Focus for call 2010
The focus of this call was on increasing the efficiency of the anaerobic treatment. Anaerobic processes gained more interest since the discussion on climate change started. Although this attention was (undeserved) not always a positive one, the world wide energy crises led to an increased appreciation of the role anaerobic processes can play in finding sustainable solutions for the challenges our world is facing today. The implementation of anaerobic processes can be further stimulated by improving the conversion rate of organic material into methane. This call was meant specifically to stimulate the innovations needed to realise this efficiency increase.
The winner of the Lettinga Award 2010 was the proposal of Shelley Brown-Malker, Rene Rozendal, Damien Batstone, Paul Jensen, Cristian Picioreanu, Korneel Rabaey and Jurg Keller from Advanced Water Management Centre (AWMC), University of Queensland in Brisbane, Australia.
A number of high quality proposals were submit-ted for Lettinga Award 2010 and the judging committee, consisting of Prof. Fons Stams and Prof. Huub Rijnaarts from Wageningen Universi-ty, Mr. Bram Versprille from Biothane Systems International and Mr. Joop Colsen from Colsen b.v., had a difficult task to select a winner. There was a competition for the third place between proposals of Prof. Han-Qing Yu from the Univer-sity of Science and Technology of China in Hefei and Dr.
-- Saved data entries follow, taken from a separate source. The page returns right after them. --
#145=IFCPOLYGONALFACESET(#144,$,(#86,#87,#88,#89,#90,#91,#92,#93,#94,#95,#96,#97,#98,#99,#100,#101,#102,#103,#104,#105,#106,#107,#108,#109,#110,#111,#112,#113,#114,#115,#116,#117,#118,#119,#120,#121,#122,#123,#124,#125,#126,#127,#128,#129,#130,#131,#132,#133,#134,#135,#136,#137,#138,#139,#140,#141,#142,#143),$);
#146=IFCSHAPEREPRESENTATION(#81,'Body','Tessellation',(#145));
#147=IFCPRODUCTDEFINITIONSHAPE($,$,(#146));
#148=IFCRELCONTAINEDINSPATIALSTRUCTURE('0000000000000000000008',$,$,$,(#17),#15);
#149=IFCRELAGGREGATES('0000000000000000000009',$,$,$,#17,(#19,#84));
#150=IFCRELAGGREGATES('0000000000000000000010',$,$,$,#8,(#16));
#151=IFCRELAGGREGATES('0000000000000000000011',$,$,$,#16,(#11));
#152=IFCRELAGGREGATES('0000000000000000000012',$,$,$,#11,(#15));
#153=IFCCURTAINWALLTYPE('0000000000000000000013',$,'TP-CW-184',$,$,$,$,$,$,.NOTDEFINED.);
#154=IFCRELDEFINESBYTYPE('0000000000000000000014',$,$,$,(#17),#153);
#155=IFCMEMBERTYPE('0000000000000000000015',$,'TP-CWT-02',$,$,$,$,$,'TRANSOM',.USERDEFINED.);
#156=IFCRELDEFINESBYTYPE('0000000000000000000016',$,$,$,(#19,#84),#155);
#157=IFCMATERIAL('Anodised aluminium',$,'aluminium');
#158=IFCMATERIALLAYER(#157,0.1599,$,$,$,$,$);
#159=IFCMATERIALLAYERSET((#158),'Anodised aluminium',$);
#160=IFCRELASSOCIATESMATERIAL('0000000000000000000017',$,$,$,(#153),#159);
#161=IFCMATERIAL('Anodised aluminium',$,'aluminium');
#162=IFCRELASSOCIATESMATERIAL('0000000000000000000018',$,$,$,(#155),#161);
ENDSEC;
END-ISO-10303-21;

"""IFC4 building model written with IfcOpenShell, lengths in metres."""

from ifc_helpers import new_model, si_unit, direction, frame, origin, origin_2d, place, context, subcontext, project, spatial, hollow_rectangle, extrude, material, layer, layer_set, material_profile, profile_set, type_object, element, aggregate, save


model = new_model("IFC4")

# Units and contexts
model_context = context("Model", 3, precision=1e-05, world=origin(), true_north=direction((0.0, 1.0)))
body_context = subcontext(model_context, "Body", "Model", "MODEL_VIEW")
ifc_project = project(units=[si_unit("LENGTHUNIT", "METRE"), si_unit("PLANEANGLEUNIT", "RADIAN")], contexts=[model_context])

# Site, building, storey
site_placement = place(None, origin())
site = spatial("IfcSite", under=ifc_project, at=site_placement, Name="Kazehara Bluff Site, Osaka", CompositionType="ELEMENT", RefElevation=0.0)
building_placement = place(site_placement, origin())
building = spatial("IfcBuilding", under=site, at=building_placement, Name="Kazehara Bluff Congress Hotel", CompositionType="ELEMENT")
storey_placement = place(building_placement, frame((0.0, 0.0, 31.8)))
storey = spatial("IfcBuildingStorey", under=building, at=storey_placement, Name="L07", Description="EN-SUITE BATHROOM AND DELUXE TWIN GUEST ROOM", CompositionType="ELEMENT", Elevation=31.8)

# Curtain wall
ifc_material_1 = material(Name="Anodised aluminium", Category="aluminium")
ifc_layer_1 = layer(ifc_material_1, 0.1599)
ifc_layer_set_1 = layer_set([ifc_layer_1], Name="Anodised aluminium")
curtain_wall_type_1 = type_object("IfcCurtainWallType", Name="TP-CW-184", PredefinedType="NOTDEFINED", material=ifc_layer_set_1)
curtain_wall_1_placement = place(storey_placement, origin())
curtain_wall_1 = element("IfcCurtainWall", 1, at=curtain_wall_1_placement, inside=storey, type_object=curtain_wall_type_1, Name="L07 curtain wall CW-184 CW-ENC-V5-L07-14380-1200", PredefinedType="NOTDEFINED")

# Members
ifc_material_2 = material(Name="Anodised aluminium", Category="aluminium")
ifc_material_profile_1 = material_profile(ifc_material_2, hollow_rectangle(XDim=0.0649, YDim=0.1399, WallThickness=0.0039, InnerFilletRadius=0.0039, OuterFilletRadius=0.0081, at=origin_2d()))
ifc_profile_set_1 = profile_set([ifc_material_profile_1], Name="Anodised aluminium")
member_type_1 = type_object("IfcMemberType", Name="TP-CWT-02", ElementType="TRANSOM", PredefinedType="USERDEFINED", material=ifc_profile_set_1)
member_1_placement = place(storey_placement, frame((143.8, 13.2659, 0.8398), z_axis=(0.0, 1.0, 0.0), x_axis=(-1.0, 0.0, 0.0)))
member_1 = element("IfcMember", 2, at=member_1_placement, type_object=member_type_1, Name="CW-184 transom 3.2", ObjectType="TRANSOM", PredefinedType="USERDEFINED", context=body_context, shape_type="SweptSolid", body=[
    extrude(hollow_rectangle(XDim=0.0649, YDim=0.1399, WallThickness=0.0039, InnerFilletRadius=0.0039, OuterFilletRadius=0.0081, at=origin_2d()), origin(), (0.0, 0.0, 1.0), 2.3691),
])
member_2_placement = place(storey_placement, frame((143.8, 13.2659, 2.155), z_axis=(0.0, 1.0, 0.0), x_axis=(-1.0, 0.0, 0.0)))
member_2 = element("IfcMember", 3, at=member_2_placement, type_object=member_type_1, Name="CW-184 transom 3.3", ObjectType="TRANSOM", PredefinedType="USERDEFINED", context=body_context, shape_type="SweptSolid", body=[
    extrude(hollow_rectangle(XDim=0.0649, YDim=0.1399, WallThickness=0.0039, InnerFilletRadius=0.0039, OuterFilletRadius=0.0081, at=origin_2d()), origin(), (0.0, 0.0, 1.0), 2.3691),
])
Robbert Kleerebezem from Delft Univer-sity of Technology. On the second place ended the proposal of Dr. David Jeison from the Universidad de La Frontera in Temuco, Chile. However, the clear winner was the proposal of Dr. Shelley Brown-Malker and her colleagues entitled “Bio-Electrochemically upgrading the CO2 and H2S fractions of biogas: increasing the efficiency and adding value to Anaerobic Digestion technology”. This proposal was rated highest for its scope, quality and innovative approach. On behalf of the judging committee and LeAF, Mr. Jeroen van der Lubbe handed over the Lettinga Award to Prof. Jürg Keller, director of AWMC, during the AD12 in Mexico, beginning of November 2010.
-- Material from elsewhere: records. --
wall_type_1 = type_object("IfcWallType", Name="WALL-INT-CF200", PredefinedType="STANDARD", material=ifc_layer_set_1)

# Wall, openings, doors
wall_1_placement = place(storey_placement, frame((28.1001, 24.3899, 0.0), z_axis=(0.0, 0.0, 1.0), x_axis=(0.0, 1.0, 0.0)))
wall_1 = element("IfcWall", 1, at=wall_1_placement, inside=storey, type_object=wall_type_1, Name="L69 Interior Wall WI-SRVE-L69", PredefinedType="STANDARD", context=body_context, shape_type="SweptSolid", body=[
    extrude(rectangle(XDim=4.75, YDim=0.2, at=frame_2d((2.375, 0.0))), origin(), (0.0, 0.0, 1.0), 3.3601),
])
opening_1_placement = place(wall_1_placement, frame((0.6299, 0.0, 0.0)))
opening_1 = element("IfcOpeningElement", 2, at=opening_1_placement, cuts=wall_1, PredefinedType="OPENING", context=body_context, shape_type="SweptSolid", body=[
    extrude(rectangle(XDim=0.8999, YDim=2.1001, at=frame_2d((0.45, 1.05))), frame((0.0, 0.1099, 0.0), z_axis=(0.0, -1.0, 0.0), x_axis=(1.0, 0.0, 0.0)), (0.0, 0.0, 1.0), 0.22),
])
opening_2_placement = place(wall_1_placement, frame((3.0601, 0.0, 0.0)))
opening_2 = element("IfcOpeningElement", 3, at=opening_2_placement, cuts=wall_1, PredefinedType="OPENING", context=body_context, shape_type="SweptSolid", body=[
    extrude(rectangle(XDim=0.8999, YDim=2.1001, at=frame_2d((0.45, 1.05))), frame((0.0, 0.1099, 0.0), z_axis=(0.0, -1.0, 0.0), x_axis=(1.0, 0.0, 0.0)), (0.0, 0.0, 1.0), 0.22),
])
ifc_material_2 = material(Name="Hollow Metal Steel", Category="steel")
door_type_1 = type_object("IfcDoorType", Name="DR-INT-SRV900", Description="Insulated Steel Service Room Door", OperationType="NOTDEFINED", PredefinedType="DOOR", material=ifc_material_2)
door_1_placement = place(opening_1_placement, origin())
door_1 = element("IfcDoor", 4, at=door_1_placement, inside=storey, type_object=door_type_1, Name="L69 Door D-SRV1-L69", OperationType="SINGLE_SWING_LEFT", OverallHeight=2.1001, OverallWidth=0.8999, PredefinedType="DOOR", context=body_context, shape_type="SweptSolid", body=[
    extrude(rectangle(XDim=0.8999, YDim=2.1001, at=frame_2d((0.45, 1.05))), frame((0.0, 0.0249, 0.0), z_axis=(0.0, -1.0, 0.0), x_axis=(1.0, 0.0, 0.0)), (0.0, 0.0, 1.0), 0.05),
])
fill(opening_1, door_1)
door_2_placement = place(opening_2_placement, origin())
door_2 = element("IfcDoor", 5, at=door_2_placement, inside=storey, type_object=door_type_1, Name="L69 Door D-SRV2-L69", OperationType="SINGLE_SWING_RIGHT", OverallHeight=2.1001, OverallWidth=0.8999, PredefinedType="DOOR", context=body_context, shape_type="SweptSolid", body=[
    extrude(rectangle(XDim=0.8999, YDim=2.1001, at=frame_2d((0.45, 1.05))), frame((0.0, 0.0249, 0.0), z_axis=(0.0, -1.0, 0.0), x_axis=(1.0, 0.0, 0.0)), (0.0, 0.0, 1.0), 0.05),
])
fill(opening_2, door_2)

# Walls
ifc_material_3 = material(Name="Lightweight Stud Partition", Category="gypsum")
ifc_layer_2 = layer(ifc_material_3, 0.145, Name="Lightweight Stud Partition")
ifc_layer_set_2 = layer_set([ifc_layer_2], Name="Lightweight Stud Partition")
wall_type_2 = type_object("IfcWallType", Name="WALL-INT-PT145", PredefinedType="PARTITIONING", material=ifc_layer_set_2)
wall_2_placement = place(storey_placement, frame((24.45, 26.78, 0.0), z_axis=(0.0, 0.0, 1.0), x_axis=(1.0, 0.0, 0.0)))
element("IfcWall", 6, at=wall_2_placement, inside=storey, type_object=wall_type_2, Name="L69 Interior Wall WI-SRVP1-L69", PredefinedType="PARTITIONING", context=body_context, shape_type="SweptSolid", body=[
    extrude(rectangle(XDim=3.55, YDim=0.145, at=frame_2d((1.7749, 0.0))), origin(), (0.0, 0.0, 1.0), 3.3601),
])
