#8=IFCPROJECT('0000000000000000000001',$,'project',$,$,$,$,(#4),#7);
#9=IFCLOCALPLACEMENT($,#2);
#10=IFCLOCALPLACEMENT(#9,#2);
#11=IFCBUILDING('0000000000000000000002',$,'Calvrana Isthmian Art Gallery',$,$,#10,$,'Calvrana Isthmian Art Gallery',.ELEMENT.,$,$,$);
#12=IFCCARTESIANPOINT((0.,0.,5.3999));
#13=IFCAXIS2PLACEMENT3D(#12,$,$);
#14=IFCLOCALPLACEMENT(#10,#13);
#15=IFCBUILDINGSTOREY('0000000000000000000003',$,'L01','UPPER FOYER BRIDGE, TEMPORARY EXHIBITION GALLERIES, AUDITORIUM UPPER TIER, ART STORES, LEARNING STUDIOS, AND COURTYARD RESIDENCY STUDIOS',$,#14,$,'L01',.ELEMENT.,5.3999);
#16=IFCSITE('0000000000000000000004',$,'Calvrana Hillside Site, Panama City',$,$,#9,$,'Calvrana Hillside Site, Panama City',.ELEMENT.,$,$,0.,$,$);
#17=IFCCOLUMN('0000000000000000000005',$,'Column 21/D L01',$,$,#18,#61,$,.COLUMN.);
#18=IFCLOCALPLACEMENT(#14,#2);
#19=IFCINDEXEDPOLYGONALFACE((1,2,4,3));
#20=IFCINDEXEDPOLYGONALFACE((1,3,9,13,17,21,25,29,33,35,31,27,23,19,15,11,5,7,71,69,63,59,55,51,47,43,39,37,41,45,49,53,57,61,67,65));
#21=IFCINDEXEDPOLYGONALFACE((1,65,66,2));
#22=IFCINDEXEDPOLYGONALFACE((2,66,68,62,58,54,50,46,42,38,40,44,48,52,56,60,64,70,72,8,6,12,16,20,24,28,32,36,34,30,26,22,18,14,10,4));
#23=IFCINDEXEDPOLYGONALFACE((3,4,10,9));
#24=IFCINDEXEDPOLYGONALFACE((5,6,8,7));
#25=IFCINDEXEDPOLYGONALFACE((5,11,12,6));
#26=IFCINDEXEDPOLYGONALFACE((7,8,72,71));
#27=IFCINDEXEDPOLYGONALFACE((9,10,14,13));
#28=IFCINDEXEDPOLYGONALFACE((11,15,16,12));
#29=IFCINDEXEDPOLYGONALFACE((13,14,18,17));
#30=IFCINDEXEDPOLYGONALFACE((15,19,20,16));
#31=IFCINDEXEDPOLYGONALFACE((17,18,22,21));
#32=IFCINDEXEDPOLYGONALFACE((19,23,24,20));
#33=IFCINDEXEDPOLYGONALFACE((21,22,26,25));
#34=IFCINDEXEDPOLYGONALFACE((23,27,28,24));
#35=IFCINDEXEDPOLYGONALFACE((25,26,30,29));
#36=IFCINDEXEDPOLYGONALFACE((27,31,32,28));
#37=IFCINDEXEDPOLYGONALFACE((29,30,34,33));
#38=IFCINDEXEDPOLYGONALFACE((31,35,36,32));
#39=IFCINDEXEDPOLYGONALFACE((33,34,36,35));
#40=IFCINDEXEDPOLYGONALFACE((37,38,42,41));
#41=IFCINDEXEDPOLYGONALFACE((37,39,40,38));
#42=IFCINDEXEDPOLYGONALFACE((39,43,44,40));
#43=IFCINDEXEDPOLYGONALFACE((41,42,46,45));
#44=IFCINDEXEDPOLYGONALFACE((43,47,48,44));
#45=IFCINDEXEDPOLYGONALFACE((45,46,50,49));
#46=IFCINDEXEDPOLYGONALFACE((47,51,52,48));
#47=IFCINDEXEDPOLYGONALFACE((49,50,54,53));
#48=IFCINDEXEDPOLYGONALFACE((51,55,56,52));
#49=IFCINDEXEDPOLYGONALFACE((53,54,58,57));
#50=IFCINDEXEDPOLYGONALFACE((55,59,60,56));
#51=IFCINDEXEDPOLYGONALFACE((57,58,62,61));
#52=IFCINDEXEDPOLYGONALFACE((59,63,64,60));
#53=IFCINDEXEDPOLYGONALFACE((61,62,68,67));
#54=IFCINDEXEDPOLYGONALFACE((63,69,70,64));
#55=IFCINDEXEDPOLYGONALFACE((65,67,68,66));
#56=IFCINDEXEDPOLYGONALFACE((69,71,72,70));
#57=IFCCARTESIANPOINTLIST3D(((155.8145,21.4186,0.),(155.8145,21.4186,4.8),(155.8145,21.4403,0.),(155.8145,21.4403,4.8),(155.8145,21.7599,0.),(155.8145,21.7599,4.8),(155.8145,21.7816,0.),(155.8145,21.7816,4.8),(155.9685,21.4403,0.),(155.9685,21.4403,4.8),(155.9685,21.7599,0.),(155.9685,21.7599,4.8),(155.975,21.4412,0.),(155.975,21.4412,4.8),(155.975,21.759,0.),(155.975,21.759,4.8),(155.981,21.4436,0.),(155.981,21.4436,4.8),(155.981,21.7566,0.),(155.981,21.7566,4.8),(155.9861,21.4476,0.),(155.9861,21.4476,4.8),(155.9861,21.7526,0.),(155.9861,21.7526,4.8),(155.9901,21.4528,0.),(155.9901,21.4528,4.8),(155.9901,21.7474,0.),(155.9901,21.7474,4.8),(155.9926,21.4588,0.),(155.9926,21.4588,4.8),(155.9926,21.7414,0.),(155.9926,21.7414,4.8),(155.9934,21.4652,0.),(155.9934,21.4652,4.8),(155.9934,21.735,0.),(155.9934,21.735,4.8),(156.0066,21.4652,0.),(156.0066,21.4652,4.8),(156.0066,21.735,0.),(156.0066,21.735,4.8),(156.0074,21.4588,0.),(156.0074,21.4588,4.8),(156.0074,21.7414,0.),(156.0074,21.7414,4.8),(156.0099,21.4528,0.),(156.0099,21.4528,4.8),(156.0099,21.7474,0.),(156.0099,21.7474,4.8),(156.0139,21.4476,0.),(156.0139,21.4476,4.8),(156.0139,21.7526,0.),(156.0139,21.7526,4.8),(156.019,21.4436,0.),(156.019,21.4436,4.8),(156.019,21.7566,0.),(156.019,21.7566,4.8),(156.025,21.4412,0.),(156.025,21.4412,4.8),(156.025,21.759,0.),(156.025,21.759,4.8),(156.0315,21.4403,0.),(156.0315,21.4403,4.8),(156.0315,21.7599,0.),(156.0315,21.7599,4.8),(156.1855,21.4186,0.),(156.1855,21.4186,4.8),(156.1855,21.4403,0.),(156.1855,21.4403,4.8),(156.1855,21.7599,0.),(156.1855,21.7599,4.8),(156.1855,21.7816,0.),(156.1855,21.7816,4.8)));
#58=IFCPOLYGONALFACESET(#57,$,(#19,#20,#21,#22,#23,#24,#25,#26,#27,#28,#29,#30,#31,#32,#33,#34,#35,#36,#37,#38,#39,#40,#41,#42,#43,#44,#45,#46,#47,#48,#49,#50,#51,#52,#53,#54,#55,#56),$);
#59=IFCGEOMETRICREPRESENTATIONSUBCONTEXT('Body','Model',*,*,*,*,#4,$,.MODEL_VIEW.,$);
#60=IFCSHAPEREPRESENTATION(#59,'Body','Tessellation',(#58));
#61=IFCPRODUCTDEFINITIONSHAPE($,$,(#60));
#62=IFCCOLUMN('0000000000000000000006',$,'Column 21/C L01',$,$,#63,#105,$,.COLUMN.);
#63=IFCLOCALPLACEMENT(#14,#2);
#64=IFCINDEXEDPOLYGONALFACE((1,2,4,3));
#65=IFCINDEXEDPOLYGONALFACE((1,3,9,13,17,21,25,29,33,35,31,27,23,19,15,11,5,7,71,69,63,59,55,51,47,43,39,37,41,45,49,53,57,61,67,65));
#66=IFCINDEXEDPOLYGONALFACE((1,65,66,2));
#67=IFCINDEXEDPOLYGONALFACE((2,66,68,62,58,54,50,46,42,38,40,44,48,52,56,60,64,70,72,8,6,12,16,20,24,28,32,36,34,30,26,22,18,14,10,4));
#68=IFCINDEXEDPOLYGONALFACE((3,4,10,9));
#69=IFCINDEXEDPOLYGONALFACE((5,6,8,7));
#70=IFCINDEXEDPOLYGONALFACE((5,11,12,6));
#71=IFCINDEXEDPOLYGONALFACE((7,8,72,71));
The winning proposal addresses the issue of increasing volumes of biosolids from WWTPs in Australia. Biosolids often undergo a pre-treatment step followed by anaerobic digestion. During the digestion a biogas is formed as a mixture of methane (~50%), CO2 (~50%) and residual H2S. The research proposal is building on previous promising results, obtained by the same group at AWMC which used solubilised biosolids as an influent to a BioElectrochemical System (BES). The proposal includes placement of two BESs in series after biosolids undergo pre-treatment and anaerobic digestion, aiming at: removal of the residual organic fraction from the digestate; conversion of the CO2 biogas fraction to CH4; removal of H2S and production of H2O2 for on-site usage or down-stream combination with methane for bio-methanol production.
The judging committee was impressed by the quality of the winning proposal. They believe that the team has the appropriate scientific basis to bring the proposed work to a success. The winning team consists of two groups from AWMC (BioElectrochemical Systems and Anaerobic Biotechnology group) and the Environmental Biotechnology group of TU Delft.